Anyone who knows me will know that I am a huge fan of pancakes. They are the perfect weekend breakfast as they feel like the ultimate indulgent treat yet they are so versatile and with a few simple modifications, you easily can transform them into a perfectly nutritious yet equally decadent stack! It all depends on which ingredients you choose to use – swapping the white flour and refined sugar for ground oats and maple syrup is a great place to start.

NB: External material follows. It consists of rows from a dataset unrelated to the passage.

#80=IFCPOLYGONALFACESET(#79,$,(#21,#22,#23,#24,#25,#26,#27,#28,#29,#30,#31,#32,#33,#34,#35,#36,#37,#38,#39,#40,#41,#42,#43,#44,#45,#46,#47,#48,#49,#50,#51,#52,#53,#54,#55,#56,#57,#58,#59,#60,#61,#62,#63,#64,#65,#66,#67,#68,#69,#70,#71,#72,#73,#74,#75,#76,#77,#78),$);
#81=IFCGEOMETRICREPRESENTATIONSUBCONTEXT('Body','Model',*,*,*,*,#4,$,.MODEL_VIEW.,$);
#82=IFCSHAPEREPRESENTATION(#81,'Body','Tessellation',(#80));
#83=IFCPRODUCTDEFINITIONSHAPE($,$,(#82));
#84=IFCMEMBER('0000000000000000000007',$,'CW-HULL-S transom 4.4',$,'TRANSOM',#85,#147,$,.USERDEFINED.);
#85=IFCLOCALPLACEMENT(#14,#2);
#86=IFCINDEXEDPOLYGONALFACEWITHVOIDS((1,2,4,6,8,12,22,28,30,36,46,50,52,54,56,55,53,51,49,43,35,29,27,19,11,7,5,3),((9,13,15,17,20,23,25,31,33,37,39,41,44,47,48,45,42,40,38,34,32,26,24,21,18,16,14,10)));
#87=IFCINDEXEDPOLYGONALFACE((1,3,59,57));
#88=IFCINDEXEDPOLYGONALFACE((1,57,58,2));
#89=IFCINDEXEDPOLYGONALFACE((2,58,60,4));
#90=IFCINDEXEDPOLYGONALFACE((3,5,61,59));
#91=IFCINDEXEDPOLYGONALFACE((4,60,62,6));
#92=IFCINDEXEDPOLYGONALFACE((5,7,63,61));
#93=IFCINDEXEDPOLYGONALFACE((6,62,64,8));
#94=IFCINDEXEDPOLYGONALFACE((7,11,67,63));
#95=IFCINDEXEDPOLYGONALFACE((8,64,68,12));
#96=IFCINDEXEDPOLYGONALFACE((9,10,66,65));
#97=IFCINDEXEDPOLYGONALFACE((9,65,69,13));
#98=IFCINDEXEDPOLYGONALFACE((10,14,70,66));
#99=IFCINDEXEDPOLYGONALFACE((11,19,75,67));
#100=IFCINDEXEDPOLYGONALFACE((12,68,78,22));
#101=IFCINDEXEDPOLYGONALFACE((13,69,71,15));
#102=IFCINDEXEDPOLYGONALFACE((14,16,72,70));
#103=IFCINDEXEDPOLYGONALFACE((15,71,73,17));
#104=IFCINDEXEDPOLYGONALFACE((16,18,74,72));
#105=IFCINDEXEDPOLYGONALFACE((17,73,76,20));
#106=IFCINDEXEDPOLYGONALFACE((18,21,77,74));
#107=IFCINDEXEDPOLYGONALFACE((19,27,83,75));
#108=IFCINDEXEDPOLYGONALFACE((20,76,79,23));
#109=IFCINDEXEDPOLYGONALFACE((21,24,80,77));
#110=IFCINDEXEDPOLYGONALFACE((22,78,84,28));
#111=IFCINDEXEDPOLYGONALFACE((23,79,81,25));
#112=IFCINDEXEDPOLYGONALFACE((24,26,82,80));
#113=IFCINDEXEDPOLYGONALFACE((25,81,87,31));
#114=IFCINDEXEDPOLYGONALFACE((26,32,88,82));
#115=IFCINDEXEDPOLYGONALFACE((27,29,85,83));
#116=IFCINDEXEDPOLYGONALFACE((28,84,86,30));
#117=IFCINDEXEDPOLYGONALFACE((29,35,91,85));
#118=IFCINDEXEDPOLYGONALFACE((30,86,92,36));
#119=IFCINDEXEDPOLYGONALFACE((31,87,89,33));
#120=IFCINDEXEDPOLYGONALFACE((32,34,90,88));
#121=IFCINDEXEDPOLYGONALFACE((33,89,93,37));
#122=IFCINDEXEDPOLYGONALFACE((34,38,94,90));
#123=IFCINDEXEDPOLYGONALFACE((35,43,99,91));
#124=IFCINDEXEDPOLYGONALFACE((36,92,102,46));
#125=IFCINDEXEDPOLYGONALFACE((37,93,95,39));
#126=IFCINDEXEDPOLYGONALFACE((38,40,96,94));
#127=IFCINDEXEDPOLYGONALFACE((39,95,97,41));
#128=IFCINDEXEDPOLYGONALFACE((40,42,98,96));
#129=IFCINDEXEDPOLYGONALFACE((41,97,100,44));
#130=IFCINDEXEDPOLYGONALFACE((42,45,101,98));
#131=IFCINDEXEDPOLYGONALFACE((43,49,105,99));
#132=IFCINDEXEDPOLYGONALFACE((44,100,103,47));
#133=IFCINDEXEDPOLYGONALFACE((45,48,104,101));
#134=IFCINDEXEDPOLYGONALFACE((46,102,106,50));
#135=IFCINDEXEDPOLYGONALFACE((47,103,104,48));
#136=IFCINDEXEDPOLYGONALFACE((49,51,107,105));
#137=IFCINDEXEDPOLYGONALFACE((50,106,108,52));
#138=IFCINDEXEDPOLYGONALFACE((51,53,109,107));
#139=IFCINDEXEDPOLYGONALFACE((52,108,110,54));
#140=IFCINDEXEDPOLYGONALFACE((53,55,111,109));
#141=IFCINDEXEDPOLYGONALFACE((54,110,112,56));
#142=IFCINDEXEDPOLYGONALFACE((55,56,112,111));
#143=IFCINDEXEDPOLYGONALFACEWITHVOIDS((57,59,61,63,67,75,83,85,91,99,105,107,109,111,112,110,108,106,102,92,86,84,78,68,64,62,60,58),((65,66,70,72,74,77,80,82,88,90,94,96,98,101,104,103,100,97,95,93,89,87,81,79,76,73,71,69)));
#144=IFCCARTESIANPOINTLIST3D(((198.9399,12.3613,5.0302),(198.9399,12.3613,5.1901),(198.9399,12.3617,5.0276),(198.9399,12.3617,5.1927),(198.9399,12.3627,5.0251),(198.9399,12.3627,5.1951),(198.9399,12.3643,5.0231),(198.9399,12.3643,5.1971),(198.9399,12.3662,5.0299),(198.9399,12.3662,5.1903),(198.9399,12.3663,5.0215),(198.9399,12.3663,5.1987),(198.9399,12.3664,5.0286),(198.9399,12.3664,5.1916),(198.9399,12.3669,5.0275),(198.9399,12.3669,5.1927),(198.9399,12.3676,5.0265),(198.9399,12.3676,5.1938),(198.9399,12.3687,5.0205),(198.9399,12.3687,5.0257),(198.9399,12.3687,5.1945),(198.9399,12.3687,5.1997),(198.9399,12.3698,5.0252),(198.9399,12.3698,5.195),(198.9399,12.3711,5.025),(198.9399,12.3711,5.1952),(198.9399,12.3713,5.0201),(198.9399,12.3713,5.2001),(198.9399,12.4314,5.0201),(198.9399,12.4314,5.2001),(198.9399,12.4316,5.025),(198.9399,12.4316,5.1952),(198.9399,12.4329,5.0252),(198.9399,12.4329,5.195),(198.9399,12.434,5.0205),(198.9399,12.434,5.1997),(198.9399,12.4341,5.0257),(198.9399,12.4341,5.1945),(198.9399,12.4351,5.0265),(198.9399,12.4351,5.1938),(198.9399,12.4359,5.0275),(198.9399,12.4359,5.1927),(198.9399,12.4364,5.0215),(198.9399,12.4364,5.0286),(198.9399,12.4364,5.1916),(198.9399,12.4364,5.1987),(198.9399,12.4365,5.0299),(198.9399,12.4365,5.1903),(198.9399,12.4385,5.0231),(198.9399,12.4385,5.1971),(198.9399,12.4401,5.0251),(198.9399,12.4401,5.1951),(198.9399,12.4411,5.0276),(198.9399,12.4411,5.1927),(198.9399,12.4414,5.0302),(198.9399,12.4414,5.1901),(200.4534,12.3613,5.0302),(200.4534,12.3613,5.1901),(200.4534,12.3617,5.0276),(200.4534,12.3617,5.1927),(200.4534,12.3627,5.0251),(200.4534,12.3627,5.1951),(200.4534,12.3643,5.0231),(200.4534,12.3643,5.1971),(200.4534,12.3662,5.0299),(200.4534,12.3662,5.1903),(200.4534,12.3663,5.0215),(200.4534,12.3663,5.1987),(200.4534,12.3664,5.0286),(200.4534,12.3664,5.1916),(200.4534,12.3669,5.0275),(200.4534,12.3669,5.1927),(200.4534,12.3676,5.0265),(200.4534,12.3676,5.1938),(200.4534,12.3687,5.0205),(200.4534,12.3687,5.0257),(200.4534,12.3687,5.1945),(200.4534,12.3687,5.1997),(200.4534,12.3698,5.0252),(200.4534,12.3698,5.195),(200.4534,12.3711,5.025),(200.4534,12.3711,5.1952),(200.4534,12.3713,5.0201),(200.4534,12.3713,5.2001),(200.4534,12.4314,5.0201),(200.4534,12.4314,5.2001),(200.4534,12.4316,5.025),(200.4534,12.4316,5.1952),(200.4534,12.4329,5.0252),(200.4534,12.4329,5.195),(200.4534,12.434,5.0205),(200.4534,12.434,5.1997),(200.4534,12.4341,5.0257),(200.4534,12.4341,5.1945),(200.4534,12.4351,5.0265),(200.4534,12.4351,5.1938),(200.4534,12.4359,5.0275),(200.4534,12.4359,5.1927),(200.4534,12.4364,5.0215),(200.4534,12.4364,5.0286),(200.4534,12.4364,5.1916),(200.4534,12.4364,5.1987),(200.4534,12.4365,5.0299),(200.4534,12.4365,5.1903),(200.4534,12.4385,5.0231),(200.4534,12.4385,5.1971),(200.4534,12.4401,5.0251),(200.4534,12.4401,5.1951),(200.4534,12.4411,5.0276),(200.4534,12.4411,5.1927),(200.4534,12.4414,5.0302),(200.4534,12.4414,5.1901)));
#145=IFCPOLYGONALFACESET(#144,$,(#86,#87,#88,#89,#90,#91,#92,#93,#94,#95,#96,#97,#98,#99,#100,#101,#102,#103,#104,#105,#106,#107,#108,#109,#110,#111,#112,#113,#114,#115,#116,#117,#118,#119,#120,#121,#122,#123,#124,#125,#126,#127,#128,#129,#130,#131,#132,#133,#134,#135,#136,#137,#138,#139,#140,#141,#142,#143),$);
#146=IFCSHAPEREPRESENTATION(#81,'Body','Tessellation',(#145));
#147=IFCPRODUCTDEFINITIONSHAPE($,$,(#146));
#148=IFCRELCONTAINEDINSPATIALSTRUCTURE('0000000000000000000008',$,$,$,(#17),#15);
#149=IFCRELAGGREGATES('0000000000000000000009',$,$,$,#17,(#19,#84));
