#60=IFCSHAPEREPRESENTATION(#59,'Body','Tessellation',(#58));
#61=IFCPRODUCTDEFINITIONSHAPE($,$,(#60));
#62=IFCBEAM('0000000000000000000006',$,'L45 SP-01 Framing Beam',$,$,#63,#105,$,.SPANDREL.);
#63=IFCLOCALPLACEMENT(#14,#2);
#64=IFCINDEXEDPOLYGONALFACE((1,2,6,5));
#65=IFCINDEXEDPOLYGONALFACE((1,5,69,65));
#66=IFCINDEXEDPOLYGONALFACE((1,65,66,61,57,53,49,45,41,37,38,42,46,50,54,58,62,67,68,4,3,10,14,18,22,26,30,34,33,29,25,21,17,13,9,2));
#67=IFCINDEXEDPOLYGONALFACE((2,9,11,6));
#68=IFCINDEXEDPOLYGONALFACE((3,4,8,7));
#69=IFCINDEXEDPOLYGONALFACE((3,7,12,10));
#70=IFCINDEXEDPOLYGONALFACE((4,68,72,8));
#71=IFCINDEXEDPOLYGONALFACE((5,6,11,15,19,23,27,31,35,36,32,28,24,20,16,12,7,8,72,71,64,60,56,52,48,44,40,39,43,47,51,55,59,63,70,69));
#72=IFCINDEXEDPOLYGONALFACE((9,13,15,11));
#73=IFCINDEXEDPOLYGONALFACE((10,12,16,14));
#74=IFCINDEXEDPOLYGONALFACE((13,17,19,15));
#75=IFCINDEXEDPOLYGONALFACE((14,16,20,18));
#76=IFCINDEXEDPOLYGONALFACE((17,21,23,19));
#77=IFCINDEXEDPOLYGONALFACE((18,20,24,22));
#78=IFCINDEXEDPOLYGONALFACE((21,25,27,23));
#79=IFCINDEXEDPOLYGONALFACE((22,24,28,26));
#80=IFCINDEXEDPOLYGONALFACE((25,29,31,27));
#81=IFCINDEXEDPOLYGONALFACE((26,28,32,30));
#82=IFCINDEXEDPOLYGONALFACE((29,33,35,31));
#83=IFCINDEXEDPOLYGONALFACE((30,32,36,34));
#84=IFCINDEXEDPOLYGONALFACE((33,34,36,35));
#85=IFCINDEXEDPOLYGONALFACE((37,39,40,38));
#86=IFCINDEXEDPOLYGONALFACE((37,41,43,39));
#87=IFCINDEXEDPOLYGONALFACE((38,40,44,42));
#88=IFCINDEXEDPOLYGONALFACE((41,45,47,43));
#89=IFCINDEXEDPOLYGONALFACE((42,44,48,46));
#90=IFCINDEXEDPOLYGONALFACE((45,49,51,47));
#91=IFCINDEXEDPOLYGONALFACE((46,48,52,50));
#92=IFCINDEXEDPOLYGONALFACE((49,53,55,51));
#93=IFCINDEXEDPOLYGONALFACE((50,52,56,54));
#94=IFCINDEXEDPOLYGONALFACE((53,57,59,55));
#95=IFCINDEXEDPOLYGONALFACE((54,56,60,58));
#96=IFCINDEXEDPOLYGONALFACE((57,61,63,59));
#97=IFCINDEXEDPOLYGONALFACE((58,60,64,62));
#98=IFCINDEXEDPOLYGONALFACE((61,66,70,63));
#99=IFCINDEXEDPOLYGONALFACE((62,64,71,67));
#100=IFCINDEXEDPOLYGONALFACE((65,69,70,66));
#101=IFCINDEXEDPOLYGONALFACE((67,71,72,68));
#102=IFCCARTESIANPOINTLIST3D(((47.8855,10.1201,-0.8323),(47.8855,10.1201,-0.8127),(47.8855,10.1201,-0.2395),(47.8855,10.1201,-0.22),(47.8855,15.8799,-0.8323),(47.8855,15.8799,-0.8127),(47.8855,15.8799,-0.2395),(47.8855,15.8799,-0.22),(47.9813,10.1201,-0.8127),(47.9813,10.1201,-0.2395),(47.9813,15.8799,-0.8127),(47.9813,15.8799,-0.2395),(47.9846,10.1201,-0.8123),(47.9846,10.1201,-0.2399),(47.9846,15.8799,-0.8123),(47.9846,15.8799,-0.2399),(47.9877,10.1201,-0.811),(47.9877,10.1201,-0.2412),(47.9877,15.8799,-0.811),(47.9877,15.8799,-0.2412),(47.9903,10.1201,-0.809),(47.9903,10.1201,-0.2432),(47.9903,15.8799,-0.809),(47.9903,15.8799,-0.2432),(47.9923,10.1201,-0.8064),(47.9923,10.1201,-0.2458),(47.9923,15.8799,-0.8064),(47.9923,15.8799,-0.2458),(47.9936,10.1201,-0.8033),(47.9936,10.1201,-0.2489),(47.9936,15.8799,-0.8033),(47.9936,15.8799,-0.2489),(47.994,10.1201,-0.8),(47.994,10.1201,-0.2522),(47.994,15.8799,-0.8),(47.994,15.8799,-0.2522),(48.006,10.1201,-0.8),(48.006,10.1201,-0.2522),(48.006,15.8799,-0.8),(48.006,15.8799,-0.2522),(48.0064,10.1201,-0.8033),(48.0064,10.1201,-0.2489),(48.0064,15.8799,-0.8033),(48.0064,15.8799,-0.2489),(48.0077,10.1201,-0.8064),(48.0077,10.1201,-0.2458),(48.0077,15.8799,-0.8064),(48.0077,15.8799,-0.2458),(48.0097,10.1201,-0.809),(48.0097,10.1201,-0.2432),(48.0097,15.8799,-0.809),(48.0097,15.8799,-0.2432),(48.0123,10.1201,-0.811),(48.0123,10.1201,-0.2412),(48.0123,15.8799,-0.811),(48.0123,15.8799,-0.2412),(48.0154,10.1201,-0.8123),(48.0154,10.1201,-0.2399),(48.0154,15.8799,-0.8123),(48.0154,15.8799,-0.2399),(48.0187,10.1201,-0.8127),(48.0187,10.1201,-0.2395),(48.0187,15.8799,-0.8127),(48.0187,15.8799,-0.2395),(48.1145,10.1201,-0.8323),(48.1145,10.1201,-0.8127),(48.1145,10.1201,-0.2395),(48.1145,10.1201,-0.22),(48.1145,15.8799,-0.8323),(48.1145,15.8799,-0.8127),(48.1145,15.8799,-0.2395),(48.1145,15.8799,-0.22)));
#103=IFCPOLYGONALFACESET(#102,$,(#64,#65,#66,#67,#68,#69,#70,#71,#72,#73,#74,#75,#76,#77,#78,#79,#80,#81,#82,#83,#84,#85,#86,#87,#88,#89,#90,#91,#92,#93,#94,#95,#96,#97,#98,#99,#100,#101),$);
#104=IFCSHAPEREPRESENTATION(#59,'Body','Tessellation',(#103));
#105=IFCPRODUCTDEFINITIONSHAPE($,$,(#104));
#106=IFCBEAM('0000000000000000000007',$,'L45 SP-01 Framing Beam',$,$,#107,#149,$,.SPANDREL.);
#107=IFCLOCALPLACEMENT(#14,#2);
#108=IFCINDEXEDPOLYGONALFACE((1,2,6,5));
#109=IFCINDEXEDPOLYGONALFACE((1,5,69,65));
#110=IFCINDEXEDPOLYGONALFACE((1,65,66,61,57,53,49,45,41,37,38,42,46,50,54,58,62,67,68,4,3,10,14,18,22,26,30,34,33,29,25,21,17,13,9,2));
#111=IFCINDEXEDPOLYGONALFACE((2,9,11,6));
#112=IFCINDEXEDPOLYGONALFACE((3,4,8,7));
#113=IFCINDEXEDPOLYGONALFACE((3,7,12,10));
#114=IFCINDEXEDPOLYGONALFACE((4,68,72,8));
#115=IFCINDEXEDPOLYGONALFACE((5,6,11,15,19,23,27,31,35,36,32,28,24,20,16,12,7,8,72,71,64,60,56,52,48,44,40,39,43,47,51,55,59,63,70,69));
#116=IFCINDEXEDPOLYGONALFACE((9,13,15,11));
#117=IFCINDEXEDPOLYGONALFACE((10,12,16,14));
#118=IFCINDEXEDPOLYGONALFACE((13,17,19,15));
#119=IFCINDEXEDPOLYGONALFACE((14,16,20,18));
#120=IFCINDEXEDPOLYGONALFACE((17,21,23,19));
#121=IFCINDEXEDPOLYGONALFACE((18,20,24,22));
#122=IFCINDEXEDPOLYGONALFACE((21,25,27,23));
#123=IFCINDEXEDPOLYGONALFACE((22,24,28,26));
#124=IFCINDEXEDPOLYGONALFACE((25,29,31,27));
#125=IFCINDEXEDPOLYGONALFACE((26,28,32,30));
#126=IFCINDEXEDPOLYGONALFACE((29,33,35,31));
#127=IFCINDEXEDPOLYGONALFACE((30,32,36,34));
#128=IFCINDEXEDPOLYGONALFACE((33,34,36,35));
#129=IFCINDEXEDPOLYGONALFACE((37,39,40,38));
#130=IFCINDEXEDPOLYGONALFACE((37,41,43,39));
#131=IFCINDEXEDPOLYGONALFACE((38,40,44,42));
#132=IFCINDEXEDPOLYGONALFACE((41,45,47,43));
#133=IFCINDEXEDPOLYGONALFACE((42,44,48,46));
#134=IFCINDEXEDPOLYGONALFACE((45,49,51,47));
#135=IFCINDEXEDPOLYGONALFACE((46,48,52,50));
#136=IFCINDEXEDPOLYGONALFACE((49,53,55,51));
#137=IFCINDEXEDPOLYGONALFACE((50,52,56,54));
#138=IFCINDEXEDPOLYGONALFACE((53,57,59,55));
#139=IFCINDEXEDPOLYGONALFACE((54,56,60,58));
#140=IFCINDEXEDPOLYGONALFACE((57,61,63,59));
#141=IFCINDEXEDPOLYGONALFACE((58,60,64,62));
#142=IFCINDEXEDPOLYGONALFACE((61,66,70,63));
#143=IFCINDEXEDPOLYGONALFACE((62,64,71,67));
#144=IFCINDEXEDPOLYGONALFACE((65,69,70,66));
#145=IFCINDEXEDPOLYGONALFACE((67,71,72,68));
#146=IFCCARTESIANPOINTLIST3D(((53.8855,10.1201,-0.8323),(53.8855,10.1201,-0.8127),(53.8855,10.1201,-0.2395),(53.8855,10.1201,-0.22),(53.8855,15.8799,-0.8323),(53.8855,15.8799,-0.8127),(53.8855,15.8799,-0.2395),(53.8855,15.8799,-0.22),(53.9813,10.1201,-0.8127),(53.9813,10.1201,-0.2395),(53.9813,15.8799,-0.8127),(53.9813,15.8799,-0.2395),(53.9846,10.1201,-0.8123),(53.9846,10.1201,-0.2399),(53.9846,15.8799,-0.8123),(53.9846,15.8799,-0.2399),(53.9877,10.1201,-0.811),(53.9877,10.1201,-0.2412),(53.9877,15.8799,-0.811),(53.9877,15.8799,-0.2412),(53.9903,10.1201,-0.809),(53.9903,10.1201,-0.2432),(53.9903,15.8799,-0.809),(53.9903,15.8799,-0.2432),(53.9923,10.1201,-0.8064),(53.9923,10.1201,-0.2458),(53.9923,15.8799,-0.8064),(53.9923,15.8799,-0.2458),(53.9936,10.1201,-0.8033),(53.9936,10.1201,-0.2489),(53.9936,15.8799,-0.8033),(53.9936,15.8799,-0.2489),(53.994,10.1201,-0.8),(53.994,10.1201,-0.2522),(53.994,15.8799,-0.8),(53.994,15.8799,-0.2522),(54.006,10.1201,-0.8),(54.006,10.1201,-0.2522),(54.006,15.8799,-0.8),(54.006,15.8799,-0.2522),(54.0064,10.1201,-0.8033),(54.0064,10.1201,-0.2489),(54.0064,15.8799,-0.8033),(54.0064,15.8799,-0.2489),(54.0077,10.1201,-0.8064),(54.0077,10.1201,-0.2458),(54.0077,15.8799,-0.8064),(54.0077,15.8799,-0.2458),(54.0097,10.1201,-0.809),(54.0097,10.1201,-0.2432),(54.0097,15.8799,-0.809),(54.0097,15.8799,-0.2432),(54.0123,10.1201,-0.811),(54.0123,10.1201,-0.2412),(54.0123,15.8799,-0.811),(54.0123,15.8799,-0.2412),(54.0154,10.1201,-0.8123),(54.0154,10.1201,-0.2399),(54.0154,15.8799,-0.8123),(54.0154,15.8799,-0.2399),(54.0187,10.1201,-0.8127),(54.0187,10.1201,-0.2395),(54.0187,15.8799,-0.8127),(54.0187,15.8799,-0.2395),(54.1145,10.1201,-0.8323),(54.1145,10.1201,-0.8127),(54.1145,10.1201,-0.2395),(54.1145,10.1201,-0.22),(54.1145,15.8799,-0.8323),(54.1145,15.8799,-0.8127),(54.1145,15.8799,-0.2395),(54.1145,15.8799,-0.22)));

If you avoid gluten and dairy like myself, or if you’re just looking to enjoy your favourite weekend breakfast in a more healthy way, look no further! Here is my step-by-step guide to making the perfect healthy pancakes.

Ingredients

1/2 cup oat flour
1/2 mashed ripe banana
1 egg
1 tsp baking powder
2 tsp ground flaxseed
1 tsp maple/date syrup

2 tbsp almond milk

Optional add-ins: 

1/2 tsp cinnamon
1 tbsp cacao powder
1 tbsp smooth peanut butter
Handful of blueberries
Dark chocolate chips
 
Topping suggestions:
Fresh berries, Raspberry Chia Jam, Sticky Toffee Date Spread, chunks of Homemade Chocolate, homemade granola (try my Banana Nut Crunch Granola or Nutty Cinnamon Granola, banana slices, maple syrup, raw honey, date nectar, peanut butter, almond butter, homemade cacao sauce (healthy chocolate spread), freshly squeezed lemon juice, desiccated coconut, cacao nibs…

Method

1. Mix the wet ingredients in one bowl and the dry ingredients in another.
2. Add the wet ingredients to the dry ingredients and whisk everything together thoroughly.
3. Heat a frying pan with some coconut oil and add 2 tbsp of the batter per pancake.
4. Cook for about 2 mins per side until golden, then flip.
5. Add as many toppings as your heart desires – the more the merrier!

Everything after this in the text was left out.